The diagram shows part of an experimental fusion reactor - Scottish Highers Physics - Question 8 - 2016

First, we calculate the total mass of the reactants and products:

• Mass of Reactants:

  • ( m_{reactants} = 3.3436 \times 10^{-27} + 5.0083 \times 10^{-27} )
  • ( m_{reactants} = 8.3519 \times 10^{-27} \text{ kg} )

• Mass of Products:

  • ( m_{products} = 6.6465 \times 10^{-27} + 1.6749 \times 10^{-27} )
  • ( m_{products} = 8.3214 \times 10^{-27} \text{ kg} )

• Mass Defect (Δm):

  • ( Δm = m_{reactants} - m_{products} )
  • ( Δm = 8.3519 \times 10^{-27} - 8.3214 \times 10^{-27} = 3.0505 \times 10^{-29} \text{ kg} )

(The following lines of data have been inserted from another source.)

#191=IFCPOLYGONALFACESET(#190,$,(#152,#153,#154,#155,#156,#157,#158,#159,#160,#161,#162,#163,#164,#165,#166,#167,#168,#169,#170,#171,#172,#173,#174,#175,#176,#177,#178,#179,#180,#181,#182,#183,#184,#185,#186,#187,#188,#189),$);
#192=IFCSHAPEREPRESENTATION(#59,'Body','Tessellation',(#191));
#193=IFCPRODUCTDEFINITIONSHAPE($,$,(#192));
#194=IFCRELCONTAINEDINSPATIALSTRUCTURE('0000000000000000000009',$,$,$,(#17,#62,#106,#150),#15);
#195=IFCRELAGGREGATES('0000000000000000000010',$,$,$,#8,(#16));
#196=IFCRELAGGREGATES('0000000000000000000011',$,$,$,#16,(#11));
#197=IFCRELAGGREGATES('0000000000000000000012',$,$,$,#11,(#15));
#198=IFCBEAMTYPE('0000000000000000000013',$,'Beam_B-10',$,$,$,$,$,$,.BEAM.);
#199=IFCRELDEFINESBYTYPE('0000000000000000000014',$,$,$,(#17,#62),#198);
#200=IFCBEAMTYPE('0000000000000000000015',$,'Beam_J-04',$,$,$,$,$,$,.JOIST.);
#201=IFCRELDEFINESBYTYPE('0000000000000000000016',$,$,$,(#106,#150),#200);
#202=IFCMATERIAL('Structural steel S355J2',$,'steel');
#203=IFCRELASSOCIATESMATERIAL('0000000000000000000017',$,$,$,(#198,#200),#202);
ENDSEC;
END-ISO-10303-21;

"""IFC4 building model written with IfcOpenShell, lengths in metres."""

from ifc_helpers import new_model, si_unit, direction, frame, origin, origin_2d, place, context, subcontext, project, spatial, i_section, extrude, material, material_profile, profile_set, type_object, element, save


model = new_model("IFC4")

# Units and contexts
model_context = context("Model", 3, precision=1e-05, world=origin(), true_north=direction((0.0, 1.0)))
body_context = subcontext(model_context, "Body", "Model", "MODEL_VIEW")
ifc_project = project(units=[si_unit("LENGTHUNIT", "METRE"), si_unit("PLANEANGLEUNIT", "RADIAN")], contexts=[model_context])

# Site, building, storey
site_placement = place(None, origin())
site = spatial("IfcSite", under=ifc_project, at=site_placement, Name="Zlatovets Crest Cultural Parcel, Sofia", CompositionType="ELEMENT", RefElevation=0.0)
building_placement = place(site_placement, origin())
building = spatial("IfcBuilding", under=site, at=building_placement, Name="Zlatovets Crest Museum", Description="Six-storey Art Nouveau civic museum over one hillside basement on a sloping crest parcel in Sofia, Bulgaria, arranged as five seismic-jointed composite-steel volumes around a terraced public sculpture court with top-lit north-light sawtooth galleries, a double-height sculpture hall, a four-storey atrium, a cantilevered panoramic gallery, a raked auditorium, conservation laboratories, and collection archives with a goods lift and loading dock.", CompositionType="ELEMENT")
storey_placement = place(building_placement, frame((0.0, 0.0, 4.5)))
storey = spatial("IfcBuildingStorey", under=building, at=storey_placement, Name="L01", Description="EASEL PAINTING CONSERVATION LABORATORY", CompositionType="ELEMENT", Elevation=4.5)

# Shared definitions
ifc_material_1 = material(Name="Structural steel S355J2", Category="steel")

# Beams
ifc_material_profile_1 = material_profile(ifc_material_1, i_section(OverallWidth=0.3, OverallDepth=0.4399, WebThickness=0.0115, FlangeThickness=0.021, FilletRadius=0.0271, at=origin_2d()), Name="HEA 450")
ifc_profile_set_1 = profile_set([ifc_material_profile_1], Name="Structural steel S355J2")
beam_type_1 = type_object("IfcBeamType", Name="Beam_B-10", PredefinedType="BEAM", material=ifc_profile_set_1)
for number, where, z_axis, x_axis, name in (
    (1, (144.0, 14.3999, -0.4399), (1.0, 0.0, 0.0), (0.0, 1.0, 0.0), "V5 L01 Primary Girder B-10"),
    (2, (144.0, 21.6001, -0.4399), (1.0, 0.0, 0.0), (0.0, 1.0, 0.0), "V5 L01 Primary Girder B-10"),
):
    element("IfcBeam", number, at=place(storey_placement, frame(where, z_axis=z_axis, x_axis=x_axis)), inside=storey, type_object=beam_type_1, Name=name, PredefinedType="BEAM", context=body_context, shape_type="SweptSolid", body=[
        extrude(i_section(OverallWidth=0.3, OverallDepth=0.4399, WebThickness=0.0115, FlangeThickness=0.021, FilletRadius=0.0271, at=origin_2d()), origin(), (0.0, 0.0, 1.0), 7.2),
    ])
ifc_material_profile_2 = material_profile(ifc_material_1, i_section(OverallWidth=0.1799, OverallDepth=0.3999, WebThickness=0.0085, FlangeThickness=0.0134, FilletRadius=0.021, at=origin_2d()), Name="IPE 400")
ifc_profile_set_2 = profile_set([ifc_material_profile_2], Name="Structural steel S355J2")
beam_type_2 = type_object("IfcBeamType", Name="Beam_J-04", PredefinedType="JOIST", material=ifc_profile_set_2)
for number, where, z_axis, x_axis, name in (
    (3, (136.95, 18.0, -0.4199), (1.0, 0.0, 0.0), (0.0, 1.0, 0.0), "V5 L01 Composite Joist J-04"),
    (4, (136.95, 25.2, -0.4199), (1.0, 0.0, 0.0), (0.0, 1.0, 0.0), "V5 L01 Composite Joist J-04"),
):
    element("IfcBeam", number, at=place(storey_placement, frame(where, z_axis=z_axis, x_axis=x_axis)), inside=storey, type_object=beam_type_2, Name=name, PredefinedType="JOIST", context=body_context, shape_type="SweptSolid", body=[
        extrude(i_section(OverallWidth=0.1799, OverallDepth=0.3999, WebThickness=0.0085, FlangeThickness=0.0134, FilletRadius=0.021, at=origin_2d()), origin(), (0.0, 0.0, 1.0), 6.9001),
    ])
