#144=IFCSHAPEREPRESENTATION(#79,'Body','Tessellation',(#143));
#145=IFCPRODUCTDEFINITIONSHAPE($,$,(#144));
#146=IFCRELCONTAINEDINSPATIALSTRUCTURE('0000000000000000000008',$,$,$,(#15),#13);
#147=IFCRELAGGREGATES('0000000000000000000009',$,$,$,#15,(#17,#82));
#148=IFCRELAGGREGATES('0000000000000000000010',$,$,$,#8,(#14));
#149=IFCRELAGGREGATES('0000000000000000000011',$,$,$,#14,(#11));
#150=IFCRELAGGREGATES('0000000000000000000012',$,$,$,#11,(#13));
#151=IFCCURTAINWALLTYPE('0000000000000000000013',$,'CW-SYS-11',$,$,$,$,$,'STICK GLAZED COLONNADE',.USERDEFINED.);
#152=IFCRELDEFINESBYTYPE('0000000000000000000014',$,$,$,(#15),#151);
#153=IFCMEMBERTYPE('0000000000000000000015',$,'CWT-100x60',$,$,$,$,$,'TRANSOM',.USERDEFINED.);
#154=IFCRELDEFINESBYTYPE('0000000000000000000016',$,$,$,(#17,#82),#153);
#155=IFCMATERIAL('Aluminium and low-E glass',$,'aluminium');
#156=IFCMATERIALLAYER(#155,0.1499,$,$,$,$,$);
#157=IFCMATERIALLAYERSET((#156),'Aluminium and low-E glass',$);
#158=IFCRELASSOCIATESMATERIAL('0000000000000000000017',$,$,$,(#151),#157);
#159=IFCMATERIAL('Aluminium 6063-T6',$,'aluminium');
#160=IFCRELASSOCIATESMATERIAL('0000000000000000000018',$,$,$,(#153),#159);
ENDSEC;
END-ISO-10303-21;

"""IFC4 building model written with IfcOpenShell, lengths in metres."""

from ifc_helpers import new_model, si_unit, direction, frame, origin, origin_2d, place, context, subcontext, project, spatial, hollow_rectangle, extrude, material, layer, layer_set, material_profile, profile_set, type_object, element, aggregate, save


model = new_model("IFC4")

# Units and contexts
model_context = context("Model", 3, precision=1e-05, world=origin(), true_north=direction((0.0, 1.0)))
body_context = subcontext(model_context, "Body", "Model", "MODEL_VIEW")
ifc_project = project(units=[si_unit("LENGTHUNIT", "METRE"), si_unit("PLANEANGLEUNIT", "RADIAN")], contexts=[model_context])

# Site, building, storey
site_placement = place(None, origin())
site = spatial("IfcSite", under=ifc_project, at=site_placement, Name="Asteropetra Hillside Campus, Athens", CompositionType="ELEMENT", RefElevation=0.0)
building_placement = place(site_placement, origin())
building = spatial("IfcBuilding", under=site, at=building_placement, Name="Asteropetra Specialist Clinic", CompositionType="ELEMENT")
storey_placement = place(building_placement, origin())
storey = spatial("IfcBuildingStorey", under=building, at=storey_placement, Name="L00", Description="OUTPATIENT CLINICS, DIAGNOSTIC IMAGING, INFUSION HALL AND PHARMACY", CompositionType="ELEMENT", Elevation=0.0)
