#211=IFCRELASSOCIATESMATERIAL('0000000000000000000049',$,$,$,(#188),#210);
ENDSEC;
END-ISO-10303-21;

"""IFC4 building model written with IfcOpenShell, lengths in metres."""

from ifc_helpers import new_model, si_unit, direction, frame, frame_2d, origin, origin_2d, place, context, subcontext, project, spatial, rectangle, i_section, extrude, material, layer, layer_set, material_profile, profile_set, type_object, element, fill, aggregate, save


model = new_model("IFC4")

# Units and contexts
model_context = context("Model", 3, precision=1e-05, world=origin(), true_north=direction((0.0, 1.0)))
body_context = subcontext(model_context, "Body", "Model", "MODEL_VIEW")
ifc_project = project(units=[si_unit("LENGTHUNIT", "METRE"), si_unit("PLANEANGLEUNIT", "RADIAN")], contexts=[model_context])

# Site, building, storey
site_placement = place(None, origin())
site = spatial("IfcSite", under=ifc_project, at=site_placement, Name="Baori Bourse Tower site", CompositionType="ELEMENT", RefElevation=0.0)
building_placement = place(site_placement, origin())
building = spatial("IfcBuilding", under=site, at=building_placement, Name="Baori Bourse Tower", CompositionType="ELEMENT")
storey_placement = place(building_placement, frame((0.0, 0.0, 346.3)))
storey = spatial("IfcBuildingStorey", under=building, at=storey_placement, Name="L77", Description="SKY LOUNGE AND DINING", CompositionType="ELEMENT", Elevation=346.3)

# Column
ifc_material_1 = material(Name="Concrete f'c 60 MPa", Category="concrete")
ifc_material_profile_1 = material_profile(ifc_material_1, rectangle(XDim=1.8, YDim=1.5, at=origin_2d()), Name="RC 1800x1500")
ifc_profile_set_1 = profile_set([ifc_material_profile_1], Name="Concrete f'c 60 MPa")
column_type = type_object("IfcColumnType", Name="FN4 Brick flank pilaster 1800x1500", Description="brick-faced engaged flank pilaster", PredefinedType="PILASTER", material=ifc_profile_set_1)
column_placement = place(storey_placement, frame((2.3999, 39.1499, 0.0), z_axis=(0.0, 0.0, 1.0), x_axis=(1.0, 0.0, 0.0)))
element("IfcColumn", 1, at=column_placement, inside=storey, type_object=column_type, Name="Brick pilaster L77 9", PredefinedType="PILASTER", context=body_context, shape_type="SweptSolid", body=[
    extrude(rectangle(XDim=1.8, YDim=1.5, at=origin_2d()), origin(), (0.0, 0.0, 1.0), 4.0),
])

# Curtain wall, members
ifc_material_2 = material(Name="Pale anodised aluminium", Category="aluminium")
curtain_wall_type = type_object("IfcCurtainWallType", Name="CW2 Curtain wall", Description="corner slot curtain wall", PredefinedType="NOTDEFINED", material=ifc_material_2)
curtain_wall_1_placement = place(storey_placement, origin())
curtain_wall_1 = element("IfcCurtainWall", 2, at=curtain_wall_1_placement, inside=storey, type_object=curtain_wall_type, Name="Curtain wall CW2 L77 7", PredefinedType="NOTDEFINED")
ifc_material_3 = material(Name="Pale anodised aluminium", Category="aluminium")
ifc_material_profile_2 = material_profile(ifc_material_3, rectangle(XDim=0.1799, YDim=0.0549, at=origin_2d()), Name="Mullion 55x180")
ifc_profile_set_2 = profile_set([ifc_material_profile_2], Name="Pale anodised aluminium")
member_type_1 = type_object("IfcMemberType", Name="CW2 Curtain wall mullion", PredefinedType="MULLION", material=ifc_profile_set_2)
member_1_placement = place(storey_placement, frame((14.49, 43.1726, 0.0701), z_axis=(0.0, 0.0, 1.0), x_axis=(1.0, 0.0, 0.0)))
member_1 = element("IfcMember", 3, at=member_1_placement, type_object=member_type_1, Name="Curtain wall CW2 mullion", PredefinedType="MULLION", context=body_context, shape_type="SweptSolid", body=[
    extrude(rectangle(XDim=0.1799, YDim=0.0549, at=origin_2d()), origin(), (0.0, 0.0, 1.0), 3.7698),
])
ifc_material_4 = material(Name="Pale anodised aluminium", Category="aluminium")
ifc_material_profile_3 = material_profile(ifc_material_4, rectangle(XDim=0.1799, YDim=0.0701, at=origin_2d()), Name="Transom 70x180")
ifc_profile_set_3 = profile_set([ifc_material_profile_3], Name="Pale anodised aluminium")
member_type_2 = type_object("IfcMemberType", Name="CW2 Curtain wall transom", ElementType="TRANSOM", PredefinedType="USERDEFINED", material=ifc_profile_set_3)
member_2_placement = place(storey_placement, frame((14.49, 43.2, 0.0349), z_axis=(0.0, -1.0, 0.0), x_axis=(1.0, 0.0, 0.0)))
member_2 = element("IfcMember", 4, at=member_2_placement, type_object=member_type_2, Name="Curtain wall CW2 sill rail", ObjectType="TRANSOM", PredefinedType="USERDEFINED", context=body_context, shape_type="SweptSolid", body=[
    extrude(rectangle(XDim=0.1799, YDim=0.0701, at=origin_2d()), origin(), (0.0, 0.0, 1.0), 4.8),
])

Using the mass-energy equivalence formula:

$E = Δm c^2$

With the speed of light ( c = 3.00 \times 10^8 \text{ m/s} ):

$E = (3.0505 \times 10^{-29} \text{ kg}) \times (3.00 \times 10^8 \text{ m/s})^2$ $E = 2.745 \times 10^{-12} \text{ J}$

Thus, the energy released in the reaction is approximately ( 2.75 \times 10^{-12} \text{ J} ).

Plasma can cool and lose energy if it comes into contact with the walls of the reactor, leading to a potential reaction stop. A magnetic field is necessary to confine the high-temperature plasma, preventing it from touching the walls and ensuring that the fusion process can continue effectively.

The force on a positively charged particle in a magnetic field is given by the right-hand rule. If the particle enters the magnetic field as shown (assumed to be into the page), the force will be directed upwards, indicating that the resultant force is in the direction 'up the page'.